Let's say you successfully calculated $\mu$ and then also $\int_{-\infty}^{\infty} h(y) d\mu(y)$. Now it only remains to rigorously prove that $\int_{-\infty}^{\infty} h(y) d\mu(y)$ is actually equal to $E(X)$ and you immediately see a little problem: the expectation along a particular slice such as $Y=2$ may have no meaning at all because $Y=2$ may be a null event.

I must mention that if one finishes a course on measure theory, he/she will have passed through denial, anger, bargaining, depression and arrived at acceptance of the fact that he need to live with many measurable functions that are only a.e. well defined (as opposed to everywhere defined), and measurable functions that come from theorems that only guarantee uniqueness with respect to a.e. equal. Then you will get some intuition that the little problem has a way out: (but not in the naive way: see Borel-Kolmogorov paradox).

While the expression $E[X | Y=2]$ (conditional expectation of $X$ given the possibly null event $Y=2$) eludes you for now, the expression $E[X|Y]$ is fine. If lucky, you may be able to prove that $E[X|Y] = h(Y)$ holds almost everywhere. Proving that might require applying properties of conditional expectation several times until you arrive at the desired conclusion $E[X|Y] = h(Y)$. Sometimes you start with an informal argument for why you find the (meaningless) equation $E[X | Y = 2] = h(2)$ plausible and then you keep replacing steps in the informal argument into rigorous steps until you come up with a rigorous proof of the (not meaningless) equation $E[X|Y] = h(Y)$.

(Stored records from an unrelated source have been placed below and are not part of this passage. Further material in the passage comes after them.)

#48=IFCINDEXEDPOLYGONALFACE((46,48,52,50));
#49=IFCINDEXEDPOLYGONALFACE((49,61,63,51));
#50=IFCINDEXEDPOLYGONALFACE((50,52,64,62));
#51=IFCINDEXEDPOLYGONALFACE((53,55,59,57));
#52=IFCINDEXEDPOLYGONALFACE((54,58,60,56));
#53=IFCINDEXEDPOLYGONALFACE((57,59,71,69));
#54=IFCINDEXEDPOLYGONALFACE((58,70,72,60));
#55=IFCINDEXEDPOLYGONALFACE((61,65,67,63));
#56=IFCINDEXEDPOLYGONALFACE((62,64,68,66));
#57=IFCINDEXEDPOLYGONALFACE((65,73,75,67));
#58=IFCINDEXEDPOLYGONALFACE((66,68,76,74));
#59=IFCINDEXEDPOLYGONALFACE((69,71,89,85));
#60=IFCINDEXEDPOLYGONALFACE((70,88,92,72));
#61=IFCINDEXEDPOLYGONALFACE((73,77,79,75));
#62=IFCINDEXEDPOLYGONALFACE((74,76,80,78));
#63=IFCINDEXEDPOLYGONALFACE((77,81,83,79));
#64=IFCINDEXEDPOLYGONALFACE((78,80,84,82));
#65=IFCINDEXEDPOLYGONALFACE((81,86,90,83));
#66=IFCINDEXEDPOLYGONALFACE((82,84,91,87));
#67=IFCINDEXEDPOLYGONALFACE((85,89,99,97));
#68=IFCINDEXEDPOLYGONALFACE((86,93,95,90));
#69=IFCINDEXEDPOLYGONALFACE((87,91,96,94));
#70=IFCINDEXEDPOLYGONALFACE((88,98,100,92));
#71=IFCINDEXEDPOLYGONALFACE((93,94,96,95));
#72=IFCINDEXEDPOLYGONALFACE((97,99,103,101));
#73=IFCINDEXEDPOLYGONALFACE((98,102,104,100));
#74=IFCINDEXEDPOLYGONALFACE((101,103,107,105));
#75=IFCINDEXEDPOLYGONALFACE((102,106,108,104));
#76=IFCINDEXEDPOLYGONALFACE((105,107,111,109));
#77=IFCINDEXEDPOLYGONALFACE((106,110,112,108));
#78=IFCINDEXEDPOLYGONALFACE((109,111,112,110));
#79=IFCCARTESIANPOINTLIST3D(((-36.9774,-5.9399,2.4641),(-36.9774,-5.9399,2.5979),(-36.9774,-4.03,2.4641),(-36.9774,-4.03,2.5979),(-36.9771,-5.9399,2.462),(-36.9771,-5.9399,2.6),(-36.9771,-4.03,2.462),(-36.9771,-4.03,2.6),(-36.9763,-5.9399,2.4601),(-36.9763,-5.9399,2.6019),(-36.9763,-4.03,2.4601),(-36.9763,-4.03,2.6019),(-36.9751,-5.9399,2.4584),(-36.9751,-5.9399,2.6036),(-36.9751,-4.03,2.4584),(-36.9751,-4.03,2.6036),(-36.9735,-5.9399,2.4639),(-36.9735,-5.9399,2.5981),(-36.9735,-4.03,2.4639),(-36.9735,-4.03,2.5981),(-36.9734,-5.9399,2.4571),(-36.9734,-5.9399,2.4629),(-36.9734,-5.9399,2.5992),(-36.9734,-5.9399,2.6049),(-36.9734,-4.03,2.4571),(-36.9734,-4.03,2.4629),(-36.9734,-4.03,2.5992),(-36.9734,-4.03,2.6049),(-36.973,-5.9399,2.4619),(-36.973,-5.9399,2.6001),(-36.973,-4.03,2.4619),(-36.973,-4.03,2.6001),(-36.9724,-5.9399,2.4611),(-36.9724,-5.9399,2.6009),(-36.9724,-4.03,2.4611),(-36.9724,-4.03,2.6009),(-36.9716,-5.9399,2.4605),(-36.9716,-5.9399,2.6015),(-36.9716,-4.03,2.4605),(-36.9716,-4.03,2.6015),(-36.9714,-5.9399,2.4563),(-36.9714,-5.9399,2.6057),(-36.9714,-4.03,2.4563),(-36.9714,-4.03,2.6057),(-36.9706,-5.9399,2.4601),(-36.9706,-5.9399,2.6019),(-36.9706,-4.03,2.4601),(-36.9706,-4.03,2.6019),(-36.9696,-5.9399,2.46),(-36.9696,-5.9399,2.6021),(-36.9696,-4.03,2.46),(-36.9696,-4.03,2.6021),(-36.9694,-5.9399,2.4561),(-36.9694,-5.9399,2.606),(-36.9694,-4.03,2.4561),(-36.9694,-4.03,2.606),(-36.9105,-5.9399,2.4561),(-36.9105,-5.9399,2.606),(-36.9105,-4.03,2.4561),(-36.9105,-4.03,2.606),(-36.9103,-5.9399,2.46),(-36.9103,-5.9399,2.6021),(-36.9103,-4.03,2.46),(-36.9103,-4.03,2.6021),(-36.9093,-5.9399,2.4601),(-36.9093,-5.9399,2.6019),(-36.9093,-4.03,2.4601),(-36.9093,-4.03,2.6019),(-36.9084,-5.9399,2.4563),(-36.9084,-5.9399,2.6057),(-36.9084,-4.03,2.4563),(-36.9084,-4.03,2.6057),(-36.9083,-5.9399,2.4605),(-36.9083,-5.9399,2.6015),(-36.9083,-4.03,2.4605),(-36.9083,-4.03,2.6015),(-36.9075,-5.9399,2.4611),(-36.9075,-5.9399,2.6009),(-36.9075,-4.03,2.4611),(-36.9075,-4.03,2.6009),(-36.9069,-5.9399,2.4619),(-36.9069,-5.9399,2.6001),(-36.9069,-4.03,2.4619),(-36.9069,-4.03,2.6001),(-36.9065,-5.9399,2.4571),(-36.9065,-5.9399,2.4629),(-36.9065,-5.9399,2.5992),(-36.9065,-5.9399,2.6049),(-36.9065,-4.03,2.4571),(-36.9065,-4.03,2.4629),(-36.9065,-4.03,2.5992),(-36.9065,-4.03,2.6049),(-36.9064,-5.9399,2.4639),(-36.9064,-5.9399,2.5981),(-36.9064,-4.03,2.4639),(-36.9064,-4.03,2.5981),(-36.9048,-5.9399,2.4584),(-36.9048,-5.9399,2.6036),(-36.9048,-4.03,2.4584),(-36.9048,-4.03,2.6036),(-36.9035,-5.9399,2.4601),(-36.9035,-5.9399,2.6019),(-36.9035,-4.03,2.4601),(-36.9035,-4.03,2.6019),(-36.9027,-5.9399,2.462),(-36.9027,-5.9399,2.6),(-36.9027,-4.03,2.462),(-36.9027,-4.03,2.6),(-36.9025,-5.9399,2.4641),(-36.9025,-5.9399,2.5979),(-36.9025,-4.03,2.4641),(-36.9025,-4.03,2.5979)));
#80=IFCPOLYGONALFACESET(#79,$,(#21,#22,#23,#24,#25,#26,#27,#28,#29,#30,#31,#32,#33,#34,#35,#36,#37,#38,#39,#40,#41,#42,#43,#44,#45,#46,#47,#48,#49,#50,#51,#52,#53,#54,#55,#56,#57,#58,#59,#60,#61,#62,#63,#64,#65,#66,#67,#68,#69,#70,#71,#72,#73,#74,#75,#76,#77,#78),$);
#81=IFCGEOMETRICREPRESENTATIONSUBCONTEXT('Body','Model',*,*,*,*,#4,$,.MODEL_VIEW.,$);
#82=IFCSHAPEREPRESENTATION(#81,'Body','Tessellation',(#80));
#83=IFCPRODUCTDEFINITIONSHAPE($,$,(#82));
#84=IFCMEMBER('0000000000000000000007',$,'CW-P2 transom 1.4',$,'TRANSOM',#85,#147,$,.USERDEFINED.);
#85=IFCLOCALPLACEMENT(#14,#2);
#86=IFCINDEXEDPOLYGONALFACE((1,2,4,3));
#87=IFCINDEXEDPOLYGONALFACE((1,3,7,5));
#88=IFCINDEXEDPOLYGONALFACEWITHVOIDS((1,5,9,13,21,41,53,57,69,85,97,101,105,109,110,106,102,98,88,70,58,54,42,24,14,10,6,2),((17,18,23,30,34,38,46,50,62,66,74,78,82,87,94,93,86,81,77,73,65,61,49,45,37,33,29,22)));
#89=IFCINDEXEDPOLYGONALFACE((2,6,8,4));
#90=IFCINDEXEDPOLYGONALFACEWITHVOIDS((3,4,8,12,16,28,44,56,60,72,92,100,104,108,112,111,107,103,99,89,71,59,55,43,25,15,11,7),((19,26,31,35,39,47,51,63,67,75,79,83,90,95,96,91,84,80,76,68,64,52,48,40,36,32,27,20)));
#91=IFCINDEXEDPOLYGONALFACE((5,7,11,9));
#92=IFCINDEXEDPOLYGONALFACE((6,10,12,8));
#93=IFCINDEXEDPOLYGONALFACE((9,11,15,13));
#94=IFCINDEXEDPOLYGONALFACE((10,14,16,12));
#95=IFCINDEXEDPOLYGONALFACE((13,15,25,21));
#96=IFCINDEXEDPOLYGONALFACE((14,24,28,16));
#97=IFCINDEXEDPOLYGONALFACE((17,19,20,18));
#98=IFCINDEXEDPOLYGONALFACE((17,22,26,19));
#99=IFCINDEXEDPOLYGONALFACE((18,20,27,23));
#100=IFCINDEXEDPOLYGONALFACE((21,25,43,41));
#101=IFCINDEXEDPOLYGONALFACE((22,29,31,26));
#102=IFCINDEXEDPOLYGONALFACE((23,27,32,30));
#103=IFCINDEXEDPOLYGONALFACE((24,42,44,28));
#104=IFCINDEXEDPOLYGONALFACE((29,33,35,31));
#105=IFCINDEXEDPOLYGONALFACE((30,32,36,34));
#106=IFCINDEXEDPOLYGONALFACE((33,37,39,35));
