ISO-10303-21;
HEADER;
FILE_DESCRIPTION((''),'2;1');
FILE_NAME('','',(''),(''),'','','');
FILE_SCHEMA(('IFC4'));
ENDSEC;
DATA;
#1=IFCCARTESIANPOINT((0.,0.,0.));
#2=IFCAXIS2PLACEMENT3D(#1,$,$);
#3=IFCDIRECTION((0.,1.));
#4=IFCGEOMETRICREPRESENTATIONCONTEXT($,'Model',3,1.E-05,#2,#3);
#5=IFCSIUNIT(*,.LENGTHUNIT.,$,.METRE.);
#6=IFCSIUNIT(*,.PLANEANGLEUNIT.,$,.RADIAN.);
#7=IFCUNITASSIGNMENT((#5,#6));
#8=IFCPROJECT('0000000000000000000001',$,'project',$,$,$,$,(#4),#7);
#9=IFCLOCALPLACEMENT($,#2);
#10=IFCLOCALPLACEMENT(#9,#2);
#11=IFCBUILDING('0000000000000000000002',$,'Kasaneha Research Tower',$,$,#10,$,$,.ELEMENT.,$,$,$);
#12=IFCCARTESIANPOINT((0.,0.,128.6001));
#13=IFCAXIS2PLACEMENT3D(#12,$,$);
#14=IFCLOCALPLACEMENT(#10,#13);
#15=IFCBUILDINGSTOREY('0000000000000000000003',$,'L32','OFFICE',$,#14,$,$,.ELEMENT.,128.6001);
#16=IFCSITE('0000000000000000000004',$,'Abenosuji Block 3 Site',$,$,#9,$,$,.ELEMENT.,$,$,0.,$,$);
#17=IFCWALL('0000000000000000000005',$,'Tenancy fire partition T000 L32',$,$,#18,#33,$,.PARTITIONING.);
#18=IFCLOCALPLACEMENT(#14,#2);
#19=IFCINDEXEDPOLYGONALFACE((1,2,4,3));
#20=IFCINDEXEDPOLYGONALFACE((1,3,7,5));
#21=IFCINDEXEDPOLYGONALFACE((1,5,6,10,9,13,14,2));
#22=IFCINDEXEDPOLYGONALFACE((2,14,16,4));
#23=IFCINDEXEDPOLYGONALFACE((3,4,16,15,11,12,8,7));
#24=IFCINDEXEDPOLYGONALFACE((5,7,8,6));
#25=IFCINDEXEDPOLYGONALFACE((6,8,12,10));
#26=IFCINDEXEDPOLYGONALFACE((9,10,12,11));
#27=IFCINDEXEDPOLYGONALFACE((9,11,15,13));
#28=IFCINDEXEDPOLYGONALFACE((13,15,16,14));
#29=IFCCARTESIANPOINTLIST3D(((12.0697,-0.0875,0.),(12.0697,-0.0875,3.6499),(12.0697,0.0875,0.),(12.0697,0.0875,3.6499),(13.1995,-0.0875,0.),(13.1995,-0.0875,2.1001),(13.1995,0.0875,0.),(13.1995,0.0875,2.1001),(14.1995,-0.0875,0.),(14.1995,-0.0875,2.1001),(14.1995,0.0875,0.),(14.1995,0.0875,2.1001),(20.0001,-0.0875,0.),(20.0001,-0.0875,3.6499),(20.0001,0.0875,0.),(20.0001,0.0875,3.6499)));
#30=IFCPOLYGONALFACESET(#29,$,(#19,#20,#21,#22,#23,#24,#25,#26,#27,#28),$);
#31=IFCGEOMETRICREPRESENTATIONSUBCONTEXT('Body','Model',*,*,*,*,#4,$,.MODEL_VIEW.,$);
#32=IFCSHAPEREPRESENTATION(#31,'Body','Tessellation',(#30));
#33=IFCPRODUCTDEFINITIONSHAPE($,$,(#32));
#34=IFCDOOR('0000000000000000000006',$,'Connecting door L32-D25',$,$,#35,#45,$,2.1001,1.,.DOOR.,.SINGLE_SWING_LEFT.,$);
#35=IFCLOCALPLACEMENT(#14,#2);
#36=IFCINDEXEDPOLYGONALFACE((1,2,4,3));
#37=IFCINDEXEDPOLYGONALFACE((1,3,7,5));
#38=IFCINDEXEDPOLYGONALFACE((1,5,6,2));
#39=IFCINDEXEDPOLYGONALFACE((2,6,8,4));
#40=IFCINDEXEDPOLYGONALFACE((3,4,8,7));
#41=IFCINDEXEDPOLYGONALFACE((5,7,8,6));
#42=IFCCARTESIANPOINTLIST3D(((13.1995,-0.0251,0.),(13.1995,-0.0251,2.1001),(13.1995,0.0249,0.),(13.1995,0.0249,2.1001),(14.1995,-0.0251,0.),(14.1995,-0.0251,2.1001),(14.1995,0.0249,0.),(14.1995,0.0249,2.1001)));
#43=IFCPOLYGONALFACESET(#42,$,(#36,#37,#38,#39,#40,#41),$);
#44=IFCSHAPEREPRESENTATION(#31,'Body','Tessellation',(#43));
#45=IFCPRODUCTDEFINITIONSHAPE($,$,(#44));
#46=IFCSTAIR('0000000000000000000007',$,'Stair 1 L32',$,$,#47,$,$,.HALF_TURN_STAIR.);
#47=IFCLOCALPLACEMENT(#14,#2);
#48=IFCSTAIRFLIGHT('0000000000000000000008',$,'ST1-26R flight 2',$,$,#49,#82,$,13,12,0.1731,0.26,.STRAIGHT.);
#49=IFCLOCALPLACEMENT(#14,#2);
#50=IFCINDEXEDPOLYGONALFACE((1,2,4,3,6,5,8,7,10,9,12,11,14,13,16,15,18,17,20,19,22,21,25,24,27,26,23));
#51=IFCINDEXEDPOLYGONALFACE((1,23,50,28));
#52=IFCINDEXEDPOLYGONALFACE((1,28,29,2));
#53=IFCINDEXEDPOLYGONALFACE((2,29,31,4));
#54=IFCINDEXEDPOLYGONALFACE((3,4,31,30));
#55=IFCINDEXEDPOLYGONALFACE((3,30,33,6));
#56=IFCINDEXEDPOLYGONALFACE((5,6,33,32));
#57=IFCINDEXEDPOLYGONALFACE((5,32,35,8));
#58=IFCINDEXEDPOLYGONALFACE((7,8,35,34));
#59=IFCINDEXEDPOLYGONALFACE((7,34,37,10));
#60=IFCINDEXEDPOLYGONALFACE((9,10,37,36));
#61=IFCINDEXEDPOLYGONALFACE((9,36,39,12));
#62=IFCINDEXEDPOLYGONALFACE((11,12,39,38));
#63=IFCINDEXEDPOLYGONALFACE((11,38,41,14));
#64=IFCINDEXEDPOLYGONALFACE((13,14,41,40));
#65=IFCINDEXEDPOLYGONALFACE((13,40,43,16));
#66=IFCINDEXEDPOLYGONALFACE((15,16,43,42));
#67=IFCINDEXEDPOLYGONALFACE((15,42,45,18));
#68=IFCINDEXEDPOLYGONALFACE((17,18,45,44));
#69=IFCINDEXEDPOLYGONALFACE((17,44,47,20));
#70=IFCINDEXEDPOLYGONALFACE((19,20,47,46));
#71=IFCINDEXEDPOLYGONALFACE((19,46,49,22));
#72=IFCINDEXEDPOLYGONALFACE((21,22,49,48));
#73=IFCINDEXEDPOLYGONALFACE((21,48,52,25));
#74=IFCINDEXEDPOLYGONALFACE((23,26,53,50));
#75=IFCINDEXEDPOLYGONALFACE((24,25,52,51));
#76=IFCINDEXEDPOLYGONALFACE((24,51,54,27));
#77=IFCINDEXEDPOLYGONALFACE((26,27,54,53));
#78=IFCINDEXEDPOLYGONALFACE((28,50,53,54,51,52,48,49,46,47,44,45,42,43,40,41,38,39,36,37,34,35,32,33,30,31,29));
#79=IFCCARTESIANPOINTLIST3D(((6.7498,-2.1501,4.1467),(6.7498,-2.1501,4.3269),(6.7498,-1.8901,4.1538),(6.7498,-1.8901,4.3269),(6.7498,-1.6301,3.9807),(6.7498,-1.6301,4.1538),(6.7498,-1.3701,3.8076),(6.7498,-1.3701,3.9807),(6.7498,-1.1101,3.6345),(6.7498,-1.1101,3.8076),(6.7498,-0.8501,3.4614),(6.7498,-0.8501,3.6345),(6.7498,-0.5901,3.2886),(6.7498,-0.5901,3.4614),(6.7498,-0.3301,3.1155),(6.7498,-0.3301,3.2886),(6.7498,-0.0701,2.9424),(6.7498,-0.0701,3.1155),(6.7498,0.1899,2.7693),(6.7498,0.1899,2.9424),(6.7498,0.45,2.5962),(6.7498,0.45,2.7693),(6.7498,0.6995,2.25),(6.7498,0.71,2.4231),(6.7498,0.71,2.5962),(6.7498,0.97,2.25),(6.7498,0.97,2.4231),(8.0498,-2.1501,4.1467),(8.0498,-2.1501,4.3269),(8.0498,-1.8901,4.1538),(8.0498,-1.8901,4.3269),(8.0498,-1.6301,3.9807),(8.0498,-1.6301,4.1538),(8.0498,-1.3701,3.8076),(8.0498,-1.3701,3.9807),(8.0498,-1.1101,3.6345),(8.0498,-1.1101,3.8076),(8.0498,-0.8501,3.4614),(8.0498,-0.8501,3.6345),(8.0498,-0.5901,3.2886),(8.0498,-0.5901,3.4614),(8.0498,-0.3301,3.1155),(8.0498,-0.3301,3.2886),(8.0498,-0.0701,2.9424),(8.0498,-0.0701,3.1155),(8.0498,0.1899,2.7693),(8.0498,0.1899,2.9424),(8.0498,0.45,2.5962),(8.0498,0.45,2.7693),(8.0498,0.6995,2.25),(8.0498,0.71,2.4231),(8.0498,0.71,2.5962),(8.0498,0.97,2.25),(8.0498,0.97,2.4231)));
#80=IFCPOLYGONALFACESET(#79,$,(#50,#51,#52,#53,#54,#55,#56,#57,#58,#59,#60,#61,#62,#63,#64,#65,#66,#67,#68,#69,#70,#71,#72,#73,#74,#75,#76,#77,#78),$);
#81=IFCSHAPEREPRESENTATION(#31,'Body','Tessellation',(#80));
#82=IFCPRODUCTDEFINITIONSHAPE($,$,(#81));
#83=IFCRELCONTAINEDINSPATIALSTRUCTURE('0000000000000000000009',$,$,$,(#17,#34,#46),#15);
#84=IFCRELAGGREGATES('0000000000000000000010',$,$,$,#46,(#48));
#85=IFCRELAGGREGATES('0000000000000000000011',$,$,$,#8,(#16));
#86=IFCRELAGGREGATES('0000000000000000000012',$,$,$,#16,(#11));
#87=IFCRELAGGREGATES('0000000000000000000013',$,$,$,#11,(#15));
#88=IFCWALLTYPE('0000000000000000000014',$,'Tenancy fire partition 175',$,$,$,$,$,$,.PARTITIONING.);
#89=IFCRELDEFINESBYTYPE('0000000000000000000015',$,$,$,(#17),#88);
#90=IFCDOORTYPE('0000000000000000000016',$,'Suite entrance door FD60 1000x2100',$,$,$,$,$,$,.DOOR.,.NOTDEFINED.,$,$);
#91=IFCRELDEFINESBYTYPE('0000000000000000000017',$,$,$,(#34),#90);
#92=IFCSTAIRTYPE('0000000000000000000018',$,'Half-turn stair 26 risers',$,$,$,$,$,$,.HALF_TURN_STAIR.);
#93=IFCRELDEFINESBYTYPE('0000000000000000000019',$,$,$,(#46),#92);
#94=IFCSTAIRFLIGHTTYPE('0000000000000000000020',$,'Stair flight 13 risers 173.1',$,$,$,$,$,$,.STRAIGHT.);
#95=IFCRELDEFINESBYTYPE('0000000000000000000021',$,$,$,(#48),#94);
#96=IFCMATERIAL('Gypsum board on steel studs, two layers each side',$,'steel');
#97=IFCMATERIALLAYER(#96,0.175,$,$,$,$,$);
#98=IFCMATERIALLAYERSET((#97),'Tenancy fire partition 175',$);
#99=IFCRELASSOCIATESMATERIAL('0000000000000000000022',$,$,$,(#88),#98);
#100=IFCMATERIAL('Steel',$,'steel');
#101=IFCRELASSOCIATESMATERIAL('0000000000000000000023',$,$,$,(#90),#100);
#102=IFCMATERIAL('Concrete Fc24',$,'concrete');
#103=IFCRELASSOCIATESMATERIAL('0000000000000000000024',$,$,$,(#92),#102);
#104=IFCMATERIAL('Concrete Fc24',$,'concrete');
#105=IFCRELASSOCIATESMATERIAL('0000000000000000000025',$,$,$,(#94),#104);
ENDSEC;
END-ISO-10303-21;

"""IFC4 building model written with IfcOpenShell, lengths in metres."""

from ifc_helpers import new_model, si_unit, direction, frame, frame_2d, origin, place, context, subcontext, project, spatial, polyline, rectangle, outline, extrude, material, layer, layer_set, type_object, element, fill, aggregate, save


model = new_model("IFC4")

# Units and contexts
model_context = context("Model", 3, precision=1e-05, world=origin(), true_north=direction((0.0, 1.0)))
body_context = subcontext(model_context, "Body", "Model", "MODEL_VIEW")
ifc_project = project(units=[si_unit("LENGTHUNIT", "METRE"), si_unit("PLANEANGLEUNIT", "RADIAN")], contexts=[model_context])

# Site, building, storey
site_placement = place(None, origin())
site = spatial("IfcSite", under=ifc_project, at=site_placement, Name="Abenosuji Block 3 Site", CompositionType="ELEMENT", RefElevation=0.0)
building_placement = place(site_placement, origin())
building = spatial("IfcBuilding", under=site, at=building_placement, Name="Kasaneha Research Tower", CompositionType="ELEMENT")
storey_placement = place(building_placement, frame((0.0, 0.0, 128.6001)))
storey = spatial("IfcBuildingStorey", under=building, at=storey_placement, Name="L32", Description="OFFICE", CompositionType="ELEMENT", Elevation=128.6001)

# Wall, opening, door
ifc_material_1 = material(Name="Gypsum board on steel studs, two layers each side", Category="steel")
ifc_layer_1 = layer(ifc_material_1, 0.175)
ifc_layer_set_1 = layer_set([ifc_layer_1], Name="Tenancy fire partition 175")
wall_type = type_object("IfcWallType", Name="Tenancy fire partition 175", PredefinedType="PARTITIONING", material=ifc_layer_set_1)
wall_placement = place(storey_placement, frame((12.0696, 0.0, 0.0), z_axis=(0.0, 0.0, 1.0), x_axis=(1.0, 0.0, 0.0)))
wall = element("IfcWall", 1, at=wall_placement, inside=storey, type_object=wall_type, Name="Tenancy fire partition T000 L32", PredefinedType="PARTITIONING", context=body_context, shape_type="SweptSolid", body=[
    extrude(rectangle(XDim=7.9304, YDim=0.175, at=frame_2d((3.9653, 0.0))), origin(), (0.0, 0.0, 1.0), 3.6499),
])
opening_placement = place(wall_placement, frame((1.1299, 0.0, 0.0)))
opening = element("IfcOpeningElement", 2, at=opening_placement, cuts=wall, PredefinedType="OPENING", context=body_context, shape_type="SweptSolid", body=[
    extrude(rectangle(XDim=1.0, YDim=2.1001, at=frame_2d((0.5, 1.05))), frame((0.0, 0.0977, 0.0), z_axis=(0.0, -1.0, 0.0), x_axis=(1.0, 0.0, 0.0)), (0.0, 0.0, 1.0), 0.1951),
])
ifc_material_2 = material(Name="Steel", Category="steel")
door_type = type_object("IfcDoorType", Name="Suite entrance door FD60 1000x2100", OperationType="NOTDEFINED", PredefinedType="DOOR", material=ifc_material_2)
door_placement = place(opening_placement, origin())
door = element("IfcDoor", 3, at=door_placement, inside=storey, type_object=door_type, Name="Connecting door L32-D25", OperationType="SINGLE_SWING_LEFT", OverallHeight=2.1001, OverallWidth=1.0, PredefinedType="DOOR", context=body_context, shape_type="SweptSolid", body=[
    extrude(rectangle(XDim=1.0, YDim=2.1001, at=frame_2d((0.5, 1.05))), frame((0.0, 0.0249, 0.0), z_axis=(0.0, -1.0, 0.0), x_axis=(1.0, 0.0, 0.0)), (0.0, 0.0, 1.0), 0.05),
])
fill(opening, door)

# Stair, stair flight
ifc_material_3 = material(Name="Concrete Fc24", Category="concrete")
stair_type = type_object("IfcStairType", Name="Half-turn stair 26 risers", PredefinedType="HALF_TURN_STAIR", material=ifc_material_3)
stair_placement = place(storey_placement, origin())
stair = element("IfcStair", 4, at=stair_placement, inside=storey, type_object=stair_type, Name="Stair 1 L32", PredefinedType="HALF_TURN_STAIR")
ifc_material_4 = material(Name="Concrete Fc24", Category="concrete")
stair_flight_type = type_object("IfcStairFlightType", Name="Stair flight 13 risers 173.1", PredefinedType="STRAIGHT", material=ifc_material_4)
stair_flight_placement = place(storey_placement, frame((7.3999, 0.97, 2.25), z_axis=(0.0, 0.0, 1.0), x_axis=(0.0, -1.0, 0.0)))
stair_flight = element("IfcStairFlight", 5, at=stair_flight_placement, type_object=stair_flight_type, Name="ST1-26R flight 2", NumberOfRisers=13, NumberOfTreads=12, PredefinedType="STRAIGHT", RiserHeight=0.1731, TreadLength=0.26, context=body_context, shape_type="SweptSolid", body=[
    extrude(outline(polyline([(0.0, 0.0), (0.0, 0.1731), (0.26, 0.1731), (0.26, 0.3462), (0.52, 0.3462), (0.52, 0.5193), (0.78, 0.5193), (0.78, 0.6924), (1.04, 0.6924), (1.04, 0.8655), (1.3, 0.8655), (1.3, 1.0386), (1.5601, 1.0386), (1.5601, 1.2114), (1.8201, 1.2114), (1.8201, 1.3845), (2.0801, 1.3845), (2.0801, 1.5576), (2.3401, 1.5576), (2.3401, 1.7307), (2.6001, 1.7307), (2.6001, 1.9038), (2.8601, 1.9038), (2.8601, 2.0769), (3.1201, 2.0769), (3.1201, 2.25), (3.1201, 1.8967), (0.2705, 0.0), (0.0, 0.0)])), frame((0.0, 0.6499, 0.0), z_axis=(0.0, -1.0, 0.0), x_axis=(1.0, 0.0, 0.0)), (0.0, 0.0, 1.0), 1.3),
])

Let's say you manage to prove $E[X|Y] = h(Y)$. Now what remains? The tower property now says $E[X] = E[h(Y)]$, but the change of variables (for integral) says $E[h(Y)] = \int_{-\infty}^{\infty} h(y) d\mu(y)$ which you have already calculated. So you are done. You have shown that $E[X]$ is equal to your calculation result.

Remark 1:

Some people write $h(y)$ as $E[X | Y= y]$. It is okay to use expressions like $E[X | Y= y]$ after all, if you and the readers are aware of the gotchas.

Remark 2:

Also known as the law of total expectation.

Remark 3.

If $\mathcal G$ is a sub-sigma-algebra, then we still have $E[X] = E[E[X|\mathcal G]]$. If $\mathcal G$ is generated by finite or countably infinite family of random variables, you can still give similar interpretation. For example, if $\mathcal G$ is generated by two real-valued random variables $Y, Z$, then $E[X] = E[E[X|\mathcal G]]$ is just another way of saying $E[X] = \int h(y,z) d\mu(y,z)$ where $h: \mathbb R^2 \to \mathbb R$ is some measurable function satisfying $E[X| \mathcal G] = h(Y,Z)$ and $\mu$ is the probability distribution of the joint $(Y,Z)$.

The intuition.

The intuition for the tower property is that for example $E[X] = E[E[X| Y,Z]]$ (where $E[X| Y,Z]$ is just $E[X| (Y,Z)]$) is simply a more succinct way of saying $E[X] = \int h(y,z) d\mu(y,z)$.

Remark 4.

Convenience of using something like $E[X] = E[E[X|Y, Z]]$ rather than $E[X] = \int h(y,z) d\mu(y,z)$ is in that with the former you keep the setup in a single probability space $\Omega$ while the latter involves two probability spaces $(\Omega, P)$ and $(\mathbb R^2, \mu)$.